Given $S_n$, the symmetric group on $[n]={1,..,n}$, consider two (non-empty) subsets $A,B$ of size $k<n$, both of which contain a given integer $j$. The question I'm researching is this: How many permutations (i.e. elements of $S_n$) take, under the action of $S_n$ induced on the subsets of $[n]$ of size $k$, $B$ onto $A$? My guess is that this does not depend on $A$ or $B$, only $k$ and, if so, then the answer is some multiple of $(k−1)!$ (in the case $A=B$) but, again, am not sure.
One way to attack this would be to simply observe that any permutation that ends up taking $B$ onto $A$ must be the composition of a single permutation doing so and a permutation of the $k−1$ elements of $A$, which would give $(k−1)!$ (the single, original permutation being the composition of itself with the identity). But I don't think I'm counting quite right as there are multiple elements of $S_n$ which, when restricted to subsets of size $k$, give the same mapping.

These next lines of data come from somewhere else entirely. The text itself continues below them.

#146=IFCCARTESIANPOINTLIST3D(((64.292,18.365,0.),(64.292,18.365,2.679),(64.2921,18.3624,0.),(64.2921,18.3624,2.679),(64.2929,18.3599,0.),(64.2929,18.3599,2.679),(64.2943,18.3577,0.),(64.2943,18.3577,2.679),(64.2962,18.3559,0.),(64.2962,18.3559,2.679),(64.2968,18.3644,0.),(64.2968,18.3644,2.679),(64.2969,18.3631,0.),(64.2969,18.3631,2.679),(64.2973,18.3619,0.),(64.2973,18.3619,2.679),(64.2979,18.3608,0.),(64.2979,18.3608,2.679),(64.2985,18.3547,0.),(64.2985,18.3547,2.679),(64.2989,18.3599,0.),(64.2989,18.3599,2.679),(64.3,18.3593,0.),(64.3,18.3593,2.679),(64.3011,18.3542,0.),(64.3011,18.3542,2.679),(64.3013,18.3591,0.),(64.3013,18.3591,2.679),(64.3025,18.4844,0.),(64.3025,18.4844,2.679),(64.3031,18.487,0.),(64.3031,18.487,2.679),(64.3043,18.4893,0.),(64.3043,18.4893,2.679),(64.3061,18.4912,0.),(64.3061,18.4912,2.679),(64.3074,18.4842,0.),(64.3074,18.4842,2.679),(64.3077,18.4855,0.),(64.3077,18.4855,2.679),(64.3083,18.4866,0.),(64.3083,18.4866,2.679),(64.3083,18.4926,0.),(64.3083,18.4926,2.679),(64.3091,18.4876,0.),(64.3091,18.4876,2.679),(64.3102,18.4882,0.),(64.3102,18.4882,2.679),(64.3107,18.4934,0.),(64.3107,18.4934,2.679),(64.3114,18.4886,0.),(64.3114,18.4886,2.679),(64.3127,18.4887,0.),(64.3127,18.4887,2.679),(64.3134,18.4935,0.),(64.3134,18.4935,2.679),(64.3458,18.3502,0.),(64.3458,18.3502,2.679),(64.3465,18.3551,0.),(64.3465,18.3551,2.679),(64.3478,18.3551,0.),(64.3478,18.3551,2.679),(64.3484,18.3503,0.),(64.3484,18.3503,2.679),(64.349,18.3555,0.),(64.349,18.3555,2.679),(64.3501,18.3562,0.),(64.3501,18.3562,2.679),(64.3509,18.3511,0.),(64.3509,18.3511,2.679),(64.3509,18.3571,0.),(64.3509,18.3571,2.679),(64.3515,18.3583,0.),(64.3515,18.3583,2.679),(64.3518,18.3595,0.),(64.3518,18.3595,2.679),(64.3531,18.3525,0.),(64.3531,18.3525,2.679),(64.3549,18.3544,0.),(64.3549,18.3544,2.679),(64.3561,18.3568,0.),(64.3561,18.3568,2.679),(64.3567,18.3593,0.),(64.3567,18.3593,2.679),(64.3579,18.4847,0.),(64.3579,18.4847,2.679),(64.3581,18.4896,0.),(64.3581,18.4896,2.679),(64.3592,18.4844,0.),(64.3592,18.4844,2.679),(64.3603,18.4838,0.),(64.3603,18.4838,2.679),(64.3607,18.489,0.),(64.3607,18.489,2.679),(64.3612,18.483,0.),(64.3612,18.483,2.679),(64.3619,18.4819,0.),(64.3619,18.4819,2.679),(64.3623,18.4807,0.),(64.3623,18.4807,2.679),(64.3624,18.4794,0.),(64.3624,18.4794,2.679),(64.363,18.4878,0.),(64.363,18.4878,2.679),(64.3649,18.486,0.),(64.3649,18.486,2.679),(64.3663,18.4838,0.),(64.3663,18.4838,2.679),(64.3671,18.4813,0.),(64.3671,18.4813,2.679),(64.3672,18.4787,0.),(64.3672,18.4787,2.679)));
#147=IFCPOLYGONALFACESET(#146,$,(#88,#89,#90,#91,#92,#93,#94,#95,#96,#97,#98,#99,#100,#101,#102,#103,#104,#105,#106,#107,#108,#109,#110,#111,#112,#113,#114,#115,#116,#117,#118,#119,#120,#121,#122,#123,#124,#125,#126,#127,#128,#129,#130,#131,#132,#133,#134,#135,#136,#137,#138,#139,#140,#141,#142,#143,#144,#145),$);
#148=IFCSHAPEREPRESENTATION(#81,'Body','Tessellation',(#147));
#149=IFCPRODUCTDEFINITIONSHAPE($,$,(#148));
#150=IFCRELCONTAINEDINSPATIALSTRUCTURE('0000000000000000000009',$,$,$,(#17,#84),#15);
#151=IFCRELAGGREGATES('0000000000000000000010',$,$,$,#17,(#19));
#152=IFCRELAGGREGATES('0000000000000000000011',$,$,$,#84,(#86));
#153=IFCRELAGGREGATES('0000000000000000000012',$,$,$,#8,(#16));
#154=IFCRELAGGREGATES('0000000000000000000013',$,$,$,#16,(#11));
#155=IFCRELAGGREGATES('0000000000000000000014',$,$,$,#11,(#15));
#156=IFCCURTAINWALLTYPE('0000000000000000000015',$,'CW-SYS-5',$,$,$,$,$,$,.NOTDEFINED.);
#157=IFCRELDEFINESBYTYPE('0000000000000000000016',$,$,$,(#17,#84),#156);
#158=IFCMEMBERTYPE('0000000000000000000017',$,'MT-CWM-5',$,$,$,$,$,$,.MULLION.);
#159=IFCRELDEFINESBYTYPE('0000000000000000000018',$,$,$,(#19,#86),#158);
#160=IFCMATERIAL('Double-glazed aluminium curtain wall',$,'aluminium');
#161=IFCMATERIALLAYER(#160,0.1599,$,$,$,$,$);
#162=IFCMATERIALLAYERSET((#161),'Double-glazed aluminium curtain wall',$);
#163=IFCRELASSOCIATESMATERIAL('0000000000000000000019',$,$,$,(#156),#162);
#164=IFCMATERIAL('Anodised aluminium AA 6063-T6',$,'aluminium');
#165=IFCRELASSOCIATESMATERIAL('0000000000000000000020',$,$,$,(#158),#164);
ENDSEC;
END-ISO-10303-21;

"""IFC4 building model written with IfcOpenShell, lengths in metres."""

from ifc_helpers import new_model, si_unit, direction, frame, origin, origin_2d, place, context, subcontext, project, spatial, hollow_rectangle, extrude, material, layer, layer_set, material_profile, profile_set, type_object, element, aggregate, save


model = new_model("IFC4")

Thanks for any references.
Your permutation carries $B$ onto $A$, and also carries the complement of $B$ onto the complement of $A$. So you should get $k!(n-k)!$, by multiplying the number of possibilities for each of the two parts of the permutation, if $A,B$ both have size $k$. (note I put $k!$ instead of $(k-1)!$, because the number of bijections between two sets of size $k$ is $k!$)